As the condition advances, more severe neurological symptoms develop, reflecting damage to specific brain regions. Movement disorders are common, including ataxia (lack of coordination) and dystonia (involuntary muscle contractions). Brainstem involvement often results in ophthalmoplegia (paralysis of the eye muscles) and nystagmus (involuntary eye movements). Breathing irregularities, such as periods of rapid or irregular breathing, are also significant complications.
Respiratory failure is the most serious clinical manifestation and the most common cause of death in children with the infantile form of the syndrome. Patients also experience episodes of profound lactic acidosis, a buildup of lactic acid that can overwhelm the body’s systems. The heart can also be affected, with some individuals developing hypertrophic cardiomyopathy, a thickening of the heart muscle. The severity and rate of progression are highly variable, often depending on the specific genetic mutation involved.
Diagnosis and Management Strategies
The diagnosis of Leigh Syndrome relies on a combination of clinical symptoms, specific biochemical findings, and neuroimaging studies. A strong suspicion is raised when an infant presents with developmental regression, hypotonia, and signs of brainstem dysfunction. Laboratory tests often reveal abnormally high levels of lactate in the blood, urine, or cerebrospinal fluid, indicative of the underlying energy metabolism defect.
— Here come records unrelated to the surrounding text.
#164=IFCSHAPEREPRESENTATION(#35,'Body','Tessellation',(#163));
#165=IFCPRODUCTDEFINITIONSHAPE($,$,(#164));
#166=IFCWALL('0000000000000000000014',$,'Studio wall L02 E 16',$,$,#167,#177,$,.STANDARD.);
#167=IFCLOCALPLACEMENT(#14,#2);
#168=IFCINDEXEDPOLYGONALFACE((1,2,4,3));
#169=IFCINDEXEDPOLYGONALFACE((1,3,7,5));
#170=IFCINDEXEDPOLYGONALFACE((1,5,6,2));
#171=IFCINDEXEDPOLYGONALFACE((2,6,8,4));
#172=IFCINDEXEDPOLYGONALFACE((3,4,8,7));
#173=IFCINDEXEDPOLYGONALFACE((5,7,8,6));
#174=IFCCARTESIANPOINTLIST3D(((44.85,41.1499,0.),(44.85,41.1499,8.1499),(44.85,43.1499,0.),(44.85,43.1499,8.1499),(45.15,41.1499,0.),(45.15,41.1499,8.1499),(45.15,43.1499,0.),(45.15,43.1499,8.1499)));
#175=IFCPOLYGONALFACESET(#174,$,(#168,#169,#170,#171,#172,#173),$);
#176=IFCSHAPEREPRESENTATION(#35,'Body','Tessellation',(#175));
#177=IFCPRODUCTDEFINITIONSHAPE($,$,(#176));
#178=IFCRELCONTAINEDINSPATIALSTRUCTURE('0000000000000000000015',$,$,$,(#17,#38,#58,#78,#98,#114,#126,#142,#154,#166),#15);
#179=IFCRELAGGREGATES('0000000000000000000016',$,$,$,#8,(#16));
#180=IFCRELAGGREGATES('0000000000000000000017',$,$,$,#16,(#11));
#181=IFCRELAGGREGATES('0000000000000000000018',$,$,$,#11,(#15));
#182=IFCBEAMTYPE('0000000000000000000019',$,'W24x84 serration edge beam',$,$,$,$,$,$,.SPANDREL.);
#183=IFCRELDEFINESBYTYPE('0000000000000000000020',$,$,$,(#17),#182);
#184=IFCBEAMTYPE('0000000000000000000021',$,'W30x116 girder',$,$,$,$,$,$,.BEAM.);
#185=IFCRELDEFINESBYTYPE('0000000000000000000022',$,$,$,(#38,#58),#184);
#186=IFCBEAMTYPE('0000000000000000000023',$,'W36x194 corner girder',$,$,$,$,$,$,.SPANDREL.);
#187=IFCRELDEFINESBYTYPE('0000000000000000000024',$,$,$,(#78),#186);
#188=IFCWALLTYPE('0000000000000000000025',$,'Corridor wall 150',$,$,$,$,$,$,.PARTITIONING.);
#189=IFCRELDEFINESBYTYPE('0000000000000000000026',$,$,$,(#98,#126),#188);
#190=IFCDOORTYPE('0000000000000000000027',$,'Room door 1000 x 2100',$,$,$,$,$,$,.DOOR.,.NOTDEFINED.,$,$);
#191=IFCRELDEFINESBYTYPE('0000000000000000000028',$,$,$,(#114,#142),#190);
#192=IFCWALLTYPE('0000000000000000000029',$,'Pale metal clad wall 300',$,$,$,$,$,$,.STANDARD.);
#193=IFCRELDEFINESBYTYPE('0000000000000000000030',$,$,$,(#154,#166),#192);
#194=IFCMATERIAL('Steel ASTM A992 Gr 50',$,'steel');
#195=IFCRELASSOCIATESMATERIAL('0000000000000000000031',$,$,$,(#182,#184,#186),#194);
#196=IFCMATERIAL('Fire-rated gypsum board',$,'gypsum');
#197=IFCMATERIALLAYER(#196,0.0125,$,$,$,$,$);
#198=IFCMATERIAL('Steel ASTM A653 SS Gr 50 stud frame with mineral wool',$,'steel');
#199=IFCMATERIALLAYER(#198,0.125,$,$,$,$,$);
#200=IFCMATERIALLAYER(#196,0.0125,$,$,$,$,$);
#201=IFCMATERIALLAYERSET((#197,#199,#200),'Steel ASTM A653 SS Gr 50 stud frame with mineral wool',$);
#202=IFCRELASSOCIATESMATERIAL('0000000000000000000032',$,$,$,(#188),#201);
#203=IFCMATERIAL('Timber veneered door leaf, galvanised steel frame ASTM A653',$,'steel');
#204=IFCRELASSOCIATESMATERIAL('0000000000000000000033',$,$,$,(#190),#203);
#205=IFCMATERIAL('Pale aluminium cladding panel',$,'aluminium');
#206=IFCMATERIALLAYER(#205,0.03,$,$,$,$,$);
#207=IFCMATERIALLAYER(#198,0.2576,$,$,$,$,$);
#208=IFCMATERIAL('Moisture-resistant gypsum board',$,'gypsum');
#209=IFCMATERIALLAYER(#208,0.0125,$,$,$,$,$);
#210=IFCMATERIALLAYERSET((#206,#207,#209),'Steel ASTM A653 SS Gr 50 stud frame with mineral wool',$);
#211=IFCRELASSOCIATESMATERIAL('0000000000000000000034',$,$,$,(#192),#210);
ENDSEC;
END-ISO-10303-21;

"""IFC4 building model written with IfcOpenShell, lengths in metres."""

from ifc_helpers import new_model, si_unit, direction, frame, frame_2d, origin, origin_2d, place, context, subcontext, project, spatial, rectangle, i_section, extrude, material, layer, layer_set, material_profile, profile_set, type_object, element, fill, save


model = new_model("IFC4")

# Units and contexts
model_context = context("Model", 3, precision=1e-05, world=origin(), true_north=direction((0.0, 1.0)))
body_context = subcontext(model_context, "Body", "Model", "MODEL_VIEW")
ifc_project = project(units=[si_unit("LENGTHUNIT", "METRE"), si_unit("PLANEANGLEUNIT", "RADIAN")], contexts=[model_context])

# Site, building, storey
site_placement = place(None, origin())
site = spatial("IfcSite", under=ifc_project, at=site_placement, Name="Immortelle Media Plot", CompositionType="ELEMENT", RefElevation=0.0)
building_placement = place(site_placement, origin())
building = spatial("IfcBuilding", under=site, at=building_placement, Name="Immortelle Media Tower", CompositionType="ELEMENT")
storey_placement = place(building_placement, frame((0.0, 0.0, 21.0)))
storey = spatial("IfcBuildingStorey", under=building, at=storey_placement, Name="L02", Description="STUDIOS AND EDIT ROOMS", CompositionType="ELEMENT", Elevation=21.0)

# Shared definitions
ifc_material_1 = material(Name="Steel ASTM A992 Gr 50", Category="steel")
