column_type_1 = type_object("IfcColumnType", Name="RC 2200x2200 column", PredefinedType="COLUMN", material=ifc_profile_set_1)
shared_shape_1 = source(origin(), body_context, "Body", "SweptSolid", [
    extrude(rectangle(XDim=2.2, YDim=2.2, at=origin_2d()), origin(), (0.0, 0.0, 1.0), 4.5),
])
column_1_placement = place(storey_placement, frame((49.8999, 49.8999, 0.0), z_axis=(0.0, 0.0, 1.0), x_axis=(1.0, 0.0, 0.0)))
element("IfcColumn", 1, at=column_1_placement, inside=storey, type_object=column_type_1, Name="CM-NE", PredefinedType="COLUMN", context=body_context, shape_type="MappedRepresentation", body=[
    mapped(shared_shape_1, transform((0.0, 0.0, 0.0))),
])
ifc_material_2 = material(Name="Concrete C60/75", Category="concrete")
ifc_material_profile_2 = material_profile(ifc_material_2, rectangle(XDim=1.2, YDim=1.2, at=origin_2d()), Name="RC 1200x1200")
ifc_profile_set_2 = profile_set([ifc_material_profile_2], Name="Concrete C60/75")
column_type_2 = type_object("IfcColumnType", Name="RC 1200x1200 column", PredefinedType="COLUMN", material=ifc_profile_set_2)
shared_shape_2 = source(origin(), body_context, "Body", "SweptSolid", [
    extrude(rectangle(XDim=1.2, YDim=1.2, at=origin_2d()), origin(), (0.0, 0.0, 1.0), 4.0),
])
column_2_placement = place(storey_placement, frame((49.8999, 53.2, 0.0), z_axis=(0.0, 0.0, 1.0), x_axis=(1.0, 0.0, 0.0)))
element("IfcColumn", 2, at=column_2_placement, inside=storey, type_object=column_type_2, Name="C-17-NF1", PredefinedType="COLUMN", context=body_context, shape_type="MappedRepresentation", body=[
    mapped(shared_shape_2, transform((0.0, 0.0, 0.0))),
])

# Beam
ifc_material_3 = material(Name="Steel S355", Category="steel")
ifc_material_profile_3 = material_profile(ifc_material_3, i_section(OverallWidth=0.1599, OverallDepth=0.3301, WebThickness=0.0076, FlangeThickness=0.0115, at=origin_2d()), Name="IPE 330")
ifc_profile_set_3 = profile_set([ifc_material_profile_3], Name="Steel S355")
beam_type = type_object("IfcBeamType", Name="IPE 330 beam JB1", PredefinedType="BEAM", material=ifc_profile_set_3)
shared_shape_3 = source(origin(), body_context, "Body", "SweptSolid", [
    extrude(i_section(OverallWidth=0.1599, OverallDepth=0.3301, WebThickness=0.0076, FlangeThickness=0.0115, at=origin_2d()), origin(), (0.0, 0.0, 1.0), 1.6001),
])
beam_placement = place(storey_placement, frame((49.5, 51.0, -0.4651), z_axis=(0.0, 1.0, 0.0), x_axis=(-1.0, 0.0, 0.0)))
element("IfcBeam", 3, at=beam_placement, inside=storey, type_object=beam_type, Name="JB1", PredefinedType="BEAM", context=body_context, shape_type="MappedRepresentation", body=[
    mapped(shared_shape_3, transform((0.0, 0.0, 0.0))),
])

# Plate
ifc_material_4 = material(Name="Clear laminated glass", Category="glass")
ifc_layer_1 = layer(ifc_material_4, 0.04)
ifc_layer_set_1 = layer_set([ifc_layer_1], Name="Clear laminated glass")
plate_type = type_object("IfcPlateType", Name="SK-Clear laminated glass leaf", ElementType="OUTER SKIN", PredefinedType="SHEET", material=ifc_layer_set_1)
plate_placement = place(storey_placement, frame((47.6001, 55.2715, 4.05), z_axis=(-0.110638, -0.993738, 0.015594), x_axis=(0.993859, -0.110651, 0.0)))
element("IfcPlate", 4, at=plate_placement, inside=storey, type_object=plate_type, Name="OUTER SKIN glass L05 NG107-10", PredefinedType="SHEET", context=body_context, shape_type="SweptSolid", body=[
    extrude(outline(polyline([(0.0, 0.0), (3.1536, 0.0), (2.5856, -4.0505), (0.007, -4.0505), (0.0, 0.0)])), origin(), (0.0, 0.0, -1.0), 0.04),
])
Magnetic Resonance Imaging (MRI) provides visual confirmation by showing the characteristic bilateral and symmetrical brain lesions. These lesions are typically hyperintense on T2-weighted images and are found in the basal ganglia, brainstem, and sometimes the thalamus. Genetic testing provides the definitive diagnosis by identifying the causative mutation in either nuclear or mitochondrial DNA. Comprehensive genetic sequencing is the preferred method to confirm the diagnosis and determine the specific subtype of the syndrome.
There is currently no curative treatment for Leigh Syndrome, so management focuses on supportive care, symptom relief, and preventing metabolic crises. Treatment involves a multidisciplinary approach, including physical therapy, occupational therapy, and nutritional support. Nutritional support sometimes requires a feeding tube to ensure adequate caloric intake. For patients with Pyruvate Dehydrogenase Complex deficiency, dietary modifications such as a high-fat, low-carbohydrate ketogenic diet may be recommended.
Specific vitamins and cofactors are often administered, such as high-dose thiamine (Vitamin B1) or coenzyme Q10, especially when a patient has a known defect that may respond to these supplements. Medications like sodium bicarbonate or sodium citrate can be used to treat acute episodes of lactic acidosis by buffering the acid in the blood. While these supportive strategies help manage symptoms and improve the quality of life, the prognosis remains poor for the early-onset form, with many children having a shortened lifespan due to respiratory failure.